A comprehensive medical kit, tailored to the crew and voyage, is essential for anyone venturing offshore. Photo: Pip Hare/Medallia

Dressings and splints

This bag is for more serious damage to skin and bones. To use the contents well it’s important to keep up with regular training. For broken bones I carry plastic and inflatable splints, we also have the ability to make a plaster cast – this is a bandage that can be wetted then wound around a limb and will then set. We have a neck brace for C-spine immobilisation.

For wounds we carry dressings of various sizes, gauze, steristrips and tape – be aware that many people are allergic to Elastoplast so carry an alternative fabric tape as well. Have plenty of these items as they’ll need to be frequently changed in wet environments.

Burns and scalds can be a huge problem at sea and are more likely injuries than open cuts; I carry a large volume of burns dressings, a roll of clingfilm to dress scalds, and disposable ice packs which can also be used to help reduce inflammation for sprains and soft tissue damage.


We carry seasickness tablets in the daily first aid kit.
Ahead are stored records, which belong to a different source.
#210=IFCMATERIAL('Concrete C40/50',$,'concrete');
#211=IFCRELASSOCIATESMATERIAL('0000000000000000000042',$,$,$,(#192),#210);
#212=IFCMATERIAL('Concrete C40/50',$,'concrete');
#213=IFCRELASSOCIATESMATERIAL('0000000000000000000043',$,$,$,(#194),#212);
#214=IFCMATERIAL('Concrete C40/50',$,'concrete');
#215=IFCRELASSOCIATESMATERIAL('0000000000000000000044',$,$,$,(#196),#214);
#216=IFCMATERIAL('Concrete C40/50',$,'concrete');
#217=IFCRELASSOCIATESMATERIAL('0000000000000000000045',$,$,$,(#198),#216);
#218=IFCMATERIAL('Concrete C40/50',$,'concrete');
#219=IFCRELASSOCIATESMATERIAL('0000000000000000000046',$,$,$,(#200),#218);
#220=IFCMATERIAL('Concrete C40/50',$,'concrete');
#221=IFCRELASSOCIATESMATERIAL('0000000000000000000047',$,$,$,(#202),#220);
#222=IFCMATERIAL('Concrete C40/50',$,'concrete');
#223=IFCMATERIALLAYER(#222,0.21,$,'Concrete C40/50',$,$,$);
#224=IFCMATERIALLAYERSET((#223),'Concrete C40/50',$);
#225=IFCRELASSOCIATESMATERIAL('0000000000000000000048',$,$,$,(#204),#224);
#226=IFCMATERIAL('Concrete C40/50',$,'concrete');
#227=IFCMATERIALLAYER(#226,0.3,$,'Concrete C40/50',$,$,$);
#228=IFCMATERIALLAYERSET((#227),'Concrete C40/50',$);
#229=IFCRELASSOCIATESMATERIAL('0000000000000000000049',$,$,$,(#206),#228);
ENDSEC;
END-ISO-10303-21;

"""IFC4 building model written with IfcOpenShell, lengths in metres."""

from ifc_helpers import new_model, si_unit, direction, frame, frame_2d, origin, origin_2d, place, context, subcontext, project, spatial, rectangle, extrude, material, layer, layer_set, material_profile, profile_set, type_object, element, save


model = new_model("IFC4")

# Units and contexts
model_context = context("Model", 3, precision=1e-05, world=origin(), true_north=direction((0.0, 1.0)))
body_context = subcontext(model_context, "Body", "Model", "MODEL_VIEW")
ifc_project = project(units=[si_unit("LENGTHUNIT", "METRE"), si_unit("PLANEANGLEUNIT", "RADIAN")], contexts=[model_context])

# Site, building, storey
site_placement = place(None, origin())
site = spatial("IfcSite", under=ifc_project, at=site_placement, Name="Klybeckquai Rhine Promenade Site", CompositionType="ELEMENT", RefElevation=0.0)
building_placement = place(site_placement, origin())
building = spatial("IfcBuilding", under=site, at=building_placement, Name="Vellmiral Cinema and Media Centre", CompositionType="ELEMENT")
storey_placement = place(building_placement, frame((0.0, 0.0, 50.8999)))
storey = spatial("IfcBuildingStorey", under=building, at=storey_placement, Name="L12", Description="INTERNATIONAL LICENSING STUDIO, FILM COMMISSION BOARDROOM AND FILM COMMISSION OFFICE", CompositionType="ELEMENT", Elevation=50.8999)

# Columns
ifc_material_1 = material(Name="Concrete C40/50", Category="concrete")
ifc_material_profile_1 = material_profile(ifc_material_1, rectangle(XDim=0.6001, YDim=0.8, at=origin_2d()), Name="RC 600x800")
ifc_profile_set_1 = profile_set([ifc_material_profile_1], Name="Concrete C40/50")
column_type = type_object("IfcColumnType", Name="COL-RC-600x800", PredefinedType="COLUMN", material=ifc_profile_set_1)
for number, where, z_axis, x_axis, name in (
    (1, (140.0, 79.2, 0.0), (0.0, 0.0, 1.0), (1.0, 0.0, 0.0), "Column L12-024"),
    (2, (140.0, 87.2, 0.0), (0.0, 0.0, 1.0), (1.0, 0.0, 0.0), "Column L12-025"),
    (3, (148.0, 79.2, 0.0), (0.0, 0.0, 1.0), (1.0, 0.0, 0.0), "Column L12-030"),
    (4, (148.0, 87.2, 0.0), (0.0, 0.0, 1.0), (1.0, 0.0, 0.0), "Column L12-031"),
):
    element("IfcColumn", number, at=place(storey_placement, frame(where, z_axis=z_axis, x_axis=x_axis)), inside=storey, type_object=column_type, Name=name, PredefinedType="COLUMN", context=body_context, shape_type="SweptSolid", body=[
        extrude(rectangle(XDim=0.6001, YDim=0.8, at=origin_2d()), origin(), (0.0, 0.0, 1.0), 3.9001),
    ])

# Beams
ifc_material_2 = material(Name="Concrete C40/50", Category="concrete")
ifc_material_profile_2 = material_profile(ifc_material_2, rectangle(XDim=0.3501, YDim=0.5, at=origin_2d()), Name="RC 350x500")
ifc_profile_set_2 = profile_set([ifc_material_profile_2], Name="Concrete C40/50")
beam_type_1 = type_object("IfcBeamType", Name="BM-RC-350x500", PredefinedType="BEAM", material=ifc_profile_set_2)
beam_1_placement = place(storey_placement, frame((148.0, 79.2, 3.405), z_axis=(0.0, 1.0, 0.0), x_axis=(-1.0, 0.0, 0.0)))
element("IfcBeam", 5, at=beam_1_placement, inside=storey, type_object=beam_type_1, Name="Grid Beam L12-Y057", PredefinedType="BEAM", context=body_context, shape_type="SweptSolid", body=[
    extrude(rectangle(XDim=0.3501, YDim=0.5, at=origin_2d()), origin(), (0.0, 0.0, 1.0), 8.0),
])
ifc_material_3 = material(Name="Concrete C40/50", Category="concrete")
Sustained vomiting for any reason can lead to serious dehydration if not treated quickly when offshore. This bag also contains medication for other stomach ailments such as diarrhoea, constipation and gastric reflux.
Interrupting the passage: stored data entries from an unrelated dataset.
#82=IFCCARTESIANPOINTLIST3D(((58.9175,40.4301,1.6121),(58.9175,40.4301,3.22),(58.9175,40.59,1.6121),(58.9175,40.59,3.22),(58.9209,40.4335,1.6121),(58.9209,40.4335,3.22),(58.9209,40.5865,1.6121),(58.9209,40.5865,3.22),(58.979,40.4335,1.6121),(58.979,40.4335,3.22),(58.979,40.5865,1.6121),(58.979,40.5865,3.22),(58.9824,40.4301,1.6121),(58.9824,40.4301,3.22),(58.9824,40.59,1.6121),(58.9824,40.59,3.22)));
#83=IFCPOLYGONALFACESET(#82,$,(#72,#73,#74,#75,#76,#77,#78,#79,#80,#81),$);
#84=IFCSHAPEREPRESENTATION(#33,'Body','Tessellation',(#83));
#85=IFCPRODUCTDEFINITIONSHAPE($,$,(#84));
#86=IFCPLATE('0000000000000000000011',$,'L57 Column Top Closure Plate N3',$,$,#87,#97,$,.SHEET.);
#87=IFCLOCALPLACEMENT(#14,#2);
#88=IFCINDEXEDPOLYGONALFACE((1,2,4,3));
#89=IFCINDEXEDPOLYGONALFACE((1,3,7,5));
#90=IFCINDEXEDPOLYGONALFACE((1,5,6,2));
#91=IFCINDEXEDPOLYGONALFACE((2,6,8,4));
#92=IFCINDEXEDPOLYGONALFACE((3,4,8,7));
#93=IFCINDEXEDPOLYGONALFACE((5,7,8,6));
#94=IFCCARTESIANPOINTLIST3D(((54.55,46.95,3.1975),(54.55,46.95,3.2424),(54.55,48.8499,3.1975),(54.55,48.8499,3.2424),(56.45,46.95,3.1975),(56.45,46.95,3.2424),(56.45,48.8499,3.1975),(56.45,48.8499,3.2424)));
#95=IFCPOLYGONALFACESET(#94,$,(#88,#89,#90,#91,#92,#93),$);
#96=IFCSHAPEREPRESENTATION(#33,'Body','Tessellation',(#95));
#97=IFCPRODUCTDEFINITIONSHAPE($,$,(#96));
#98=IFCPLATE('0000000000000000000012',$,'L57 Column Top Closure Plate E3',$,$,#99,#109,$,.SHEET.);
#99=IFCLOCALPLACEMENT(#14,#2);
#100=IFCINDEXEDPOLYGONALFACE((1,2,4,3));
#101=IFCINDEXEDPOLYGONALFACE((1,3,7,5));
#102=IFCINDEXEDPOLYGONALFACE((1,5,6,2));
Seasickness can affect anyone and come on very suddenly so it’s a good idea to take medication to break the cycle. Those that have been sick for a while who are showing signs of dehydration should use rehydration sachets to replace electrolytes. In extreme cases of dehydration (over three days or severe fluid loss) intravenous (IV) rehydration could be essential. However, there is no point in taking this equipment unless you have a crew member trained and competent to use it in a marine environment, as well as medical support ashore. For my Vendée Globe I carried IV rehydration sachets and was trained in how to self-canulate.


A separate list of med kit items should be planned for a grab bag


To help with diagnosis and treating wounds, contents include a pen torch for assessing pupil dilation in head injuries, mirrors for self-treatment, urine dip sticks, a thermometer, scalpels, scissors, forceps, needles and syringes. Everything is in sterile packaging and then plastic wrapped to keep it waterproof.

Eyes, mouth and skin

This bag contains the equipment to repair and clean deeper wounds that can’t be treated with dressings alone. If a wound is deep it will need to be glued, steri-stipped or sometimes stitched together to allow it to heal – sending a picture of the wound (with a scale alongside) to your medical professional will help decide which is more appropriate.

I carry a suture kit (including local anaesthetic) and have been trained in suturing myself, but also use wound glue for less deep wounds, which is waterproof. An alternative to this is a skin stapler.

With both sutures and staples it’s essential to get advanced medical training. This bag also contains all medication for eyes, including analgesic and steroid eye drops, eye washes and baths, and topical antibiotics for skin. We also have an off-the-shelf emergency dental kit.


Work with your doctor to decide what to take, depending on your length of time at sea. Check if any of your crew are allergic to penicillin. I carry a few courses of broad-spectrum antibiotics as well as topical antibiotics. We also have IM/IV antibiotics for extreme cases of sepsis. This can either be given as an intra-muscular (IM) injection in the thigh or through a cannula. IM is recommended while sailing as far easier to administer while moving and requires far less accuracy or the need for a cannula.

Antibiotics should be taken with the advice of an onshore medic to ensure you’re not missing any other signs or symptoms.